Changing lifestyle and diet are usually the first steps recommended by healthcare providers to relieve symptoms of gastric disorders.
• If you smoke, stop.
• Avoid foods and beverages that worsen symptoms.
• Avoid alcohol, caffeine and chocolate.
• Lose weight if needed.
• Eat small, frequent meals.
• Avoid lying down for three hours after a meal.
Because drugs work in different ways, combinations of medications may help control symptoms. People who get heartburn after eating may take both antacids and H2 blockers. The antacids work first to neutralize the acid in the stomach, and then the H2 blockers act on acid production. By the time the antacid stops working, the H2 blocker will have stopped acid production.
Most H. pylori-related ulcers are curable with treatment that combines two different kinds of antibiotics and an acid suppressor. The medication is taken over a 1- to 2-week period. The ulcer may take 8 weeks to heal, but the pain usually goes away after a few days or a week. To be sure the treatment has worked, doctors may do a follow-up endoscopy 6 to 12 months later to check for H. pylori. Likewise, ulcers related to NSAIDs rarely require surgery and usually improve with an acid suppressor and stopping or changing the NSAID. No antibiotics are needed to treat this type of ulcer.
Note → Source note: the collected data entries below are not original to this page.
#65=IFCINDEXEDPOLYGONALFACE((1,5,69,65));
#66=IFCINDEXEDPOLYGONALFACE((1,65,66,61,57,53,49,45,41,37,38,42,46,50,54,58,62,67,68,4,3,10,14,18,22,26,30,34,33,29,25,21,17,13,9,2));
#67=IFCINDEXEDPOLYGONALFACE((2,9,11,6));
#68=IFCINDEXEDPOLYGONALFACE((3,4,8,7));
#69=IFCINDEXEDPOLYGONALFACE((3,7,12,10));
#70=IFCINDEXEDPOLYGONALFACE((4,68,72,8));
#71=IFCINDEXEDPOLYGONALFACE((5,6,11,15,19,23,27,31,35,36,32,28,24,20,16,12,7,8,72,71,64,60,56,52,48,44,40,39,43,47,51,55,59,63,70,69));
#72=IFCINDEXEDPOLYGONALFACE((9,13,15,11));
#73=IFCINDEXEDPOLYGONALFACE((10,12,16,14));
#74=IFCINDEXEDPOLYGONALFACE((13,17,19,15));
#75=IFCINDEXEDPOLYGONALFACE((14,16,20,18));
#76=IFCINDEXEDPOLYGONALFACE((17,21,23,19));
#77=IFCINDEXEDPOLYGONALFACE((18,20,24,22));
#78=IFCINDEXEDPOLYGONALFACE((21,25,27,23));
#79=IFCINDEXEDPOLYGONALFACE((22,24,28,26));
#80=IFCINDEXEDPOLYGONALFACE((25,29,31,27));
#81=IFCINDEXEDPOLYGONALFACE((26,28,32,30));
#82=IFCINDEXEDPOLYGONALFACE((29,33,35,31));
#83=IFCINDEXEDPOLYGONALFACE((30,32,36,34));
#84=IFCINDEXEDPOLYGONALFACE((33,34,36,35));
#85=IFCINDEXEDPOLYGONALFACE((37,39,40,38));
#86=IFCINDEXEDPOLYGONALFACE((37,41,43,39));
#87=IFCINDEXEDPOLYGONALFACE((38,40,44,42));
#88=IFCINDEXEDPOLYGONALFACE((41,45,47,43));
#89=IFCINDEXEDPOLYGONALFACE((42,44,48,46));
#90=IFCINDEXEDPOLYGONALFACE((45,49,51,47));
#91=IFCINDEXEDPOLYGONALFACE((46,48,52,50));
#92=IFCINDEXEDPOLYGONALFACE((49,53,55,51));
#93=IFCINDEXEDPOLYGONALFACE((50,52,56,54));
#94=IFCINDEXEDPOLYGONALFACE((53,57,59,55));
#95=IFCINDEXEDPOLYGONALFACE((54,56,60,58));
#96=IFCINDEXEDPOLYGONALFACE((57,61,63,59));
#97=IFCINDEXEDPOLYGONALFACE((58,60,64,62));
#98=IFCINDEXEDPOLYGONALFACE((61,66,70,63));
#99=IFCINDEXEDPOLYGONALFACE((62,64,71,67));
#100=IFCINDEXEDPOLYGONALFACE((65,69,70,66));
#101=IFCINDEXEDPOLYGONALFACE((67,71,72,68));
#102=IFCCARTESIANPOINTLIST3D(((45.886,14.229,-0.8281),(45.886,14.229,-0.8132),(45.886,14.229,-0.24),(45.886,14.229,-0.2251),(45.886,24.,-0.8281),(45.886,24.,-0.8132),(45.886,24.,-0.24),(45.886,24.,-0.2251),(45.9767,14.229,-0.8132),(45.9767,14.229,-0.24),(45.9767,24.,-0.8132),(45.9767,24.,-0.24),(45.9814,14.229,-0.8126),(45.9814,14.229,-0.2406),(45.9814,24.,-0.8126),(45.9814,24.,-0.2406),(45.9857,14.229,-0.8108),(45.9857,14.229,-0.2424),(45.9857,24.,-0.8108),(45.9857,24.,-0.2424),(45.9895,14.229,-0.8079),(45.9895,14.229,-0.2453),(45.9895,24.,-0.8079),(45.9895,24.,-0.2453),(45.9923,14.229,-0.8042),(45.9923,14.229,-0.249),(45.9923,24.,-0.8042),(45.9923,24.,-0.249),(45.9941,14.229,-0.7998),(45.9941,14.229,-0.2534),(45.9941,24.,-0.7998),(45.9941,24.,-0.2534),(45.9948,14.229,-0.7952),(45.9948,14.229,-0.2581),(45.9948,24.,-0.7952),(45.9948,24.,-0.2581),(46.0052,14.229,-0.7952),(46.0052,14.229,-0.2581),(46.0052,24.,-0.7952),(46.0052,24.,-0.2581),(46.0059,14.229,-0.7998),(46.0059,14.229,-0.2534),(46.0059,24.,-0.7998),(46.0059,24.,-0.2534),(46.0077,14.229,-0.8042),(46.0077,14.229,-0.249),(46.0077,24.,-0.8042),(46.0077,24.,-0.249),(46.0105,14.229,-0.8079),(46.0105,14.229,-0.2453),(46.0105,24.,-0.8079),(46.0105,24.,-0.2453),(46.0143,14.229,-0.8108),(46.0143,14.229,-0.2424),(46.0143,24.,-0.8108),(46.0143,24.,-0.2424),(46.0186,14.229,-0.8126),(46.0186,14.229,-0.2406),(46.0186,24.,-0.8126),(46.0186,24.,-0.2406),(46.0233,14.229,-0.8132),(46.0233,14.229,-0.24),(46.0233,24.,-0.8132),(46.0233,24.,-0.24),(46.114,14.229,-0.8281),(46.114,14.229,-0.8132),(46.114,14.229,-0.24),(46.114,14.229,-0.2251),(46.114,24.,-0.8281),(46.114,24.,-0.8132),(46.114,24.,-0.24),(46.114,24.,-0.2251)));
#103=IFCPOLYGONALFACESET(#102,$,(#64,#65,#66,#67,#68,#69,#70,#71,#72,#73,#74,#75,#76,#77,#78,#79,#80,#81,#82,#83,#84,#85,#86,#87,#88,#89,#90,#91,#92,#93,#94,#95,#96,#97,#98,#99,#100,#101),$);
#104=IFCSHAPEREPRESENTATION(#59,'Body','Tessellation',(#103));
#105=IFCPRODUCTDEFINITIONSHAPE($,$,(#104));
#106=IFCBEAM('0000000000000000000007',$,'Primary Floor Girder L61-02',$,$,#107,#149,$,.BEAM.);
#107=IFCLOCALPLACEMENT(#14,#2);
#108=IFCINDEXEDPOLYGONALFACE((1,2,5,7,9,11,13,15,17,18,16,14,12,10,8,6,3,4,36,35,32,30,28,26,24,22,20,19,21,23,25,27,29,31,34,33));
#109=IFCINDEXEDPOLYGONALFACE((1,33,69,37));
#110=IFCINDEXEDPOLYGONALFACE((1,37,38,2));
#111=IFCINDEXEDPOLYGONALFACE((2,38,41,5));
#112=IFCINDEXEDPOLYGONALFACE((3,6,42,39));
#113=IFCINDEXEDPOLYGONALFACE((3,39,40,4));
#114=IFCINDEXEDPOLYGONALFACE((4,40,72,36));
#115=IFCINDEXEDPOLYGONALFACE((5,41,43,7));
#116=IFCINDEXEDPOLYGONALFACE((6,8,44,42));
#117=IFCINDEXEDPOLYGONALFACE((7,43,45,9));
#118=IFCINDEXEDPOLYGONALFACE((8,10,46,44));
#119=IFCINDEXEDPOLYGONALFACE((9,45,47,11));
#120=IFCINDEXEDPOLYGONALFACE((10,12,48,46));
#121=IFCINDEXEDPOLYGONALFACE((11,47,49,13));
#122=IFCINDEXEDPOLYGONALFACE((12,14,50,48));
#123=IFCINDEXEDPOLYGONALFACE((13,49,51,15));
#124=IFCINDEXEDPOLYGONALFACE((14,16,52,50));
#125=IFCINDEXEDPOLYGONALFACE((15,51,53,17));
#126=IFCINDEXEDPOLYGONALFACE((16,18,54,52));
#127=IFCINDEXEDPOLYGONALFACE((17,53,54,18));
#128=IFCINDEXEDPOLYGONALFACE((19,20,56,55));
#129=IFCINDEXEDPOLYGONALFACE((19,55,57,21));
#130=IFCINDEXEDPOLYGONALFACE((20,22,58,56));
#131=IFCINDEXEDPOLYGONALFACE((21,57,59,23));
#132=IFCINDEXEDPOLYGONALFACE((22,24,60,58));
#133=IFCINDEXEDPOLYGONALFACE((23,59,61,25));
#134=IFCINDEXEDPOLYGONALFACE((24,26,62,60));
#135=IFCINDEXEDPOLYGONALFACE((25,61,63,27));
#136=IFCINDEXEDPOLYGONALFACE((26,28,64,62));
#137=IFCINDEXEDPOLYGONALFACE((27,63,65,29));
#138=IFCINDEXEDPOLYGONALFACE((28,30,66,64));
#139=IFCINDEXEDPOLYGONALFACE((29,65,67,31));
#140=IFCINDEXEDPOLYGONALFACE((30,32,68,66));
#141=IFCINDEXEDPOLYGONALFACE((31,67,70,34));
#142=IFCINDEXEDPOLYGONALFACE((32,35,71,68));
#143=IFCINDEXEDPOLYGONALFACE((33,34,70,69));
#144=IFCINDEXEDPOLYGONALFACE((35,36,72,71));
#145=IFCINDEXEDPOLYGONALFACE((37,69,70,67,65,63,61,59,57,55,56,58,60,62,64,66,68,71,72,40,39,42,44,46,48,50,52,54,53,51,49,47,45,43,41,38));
Treatment for gastritis usually involves taking antacids and other drugs to reduce stomach acid, and avoiding hot and spicy foods. For gastritis caused by infections, your doctor will prescribe a regimen of several antibiotics plus some sort of acid blocking drug (a heartburn drug). If the gastritis is caused by pernicious anemia, B12 vitamin shots will be given. Once the underlying problem disappears, the gastritis usually resolves.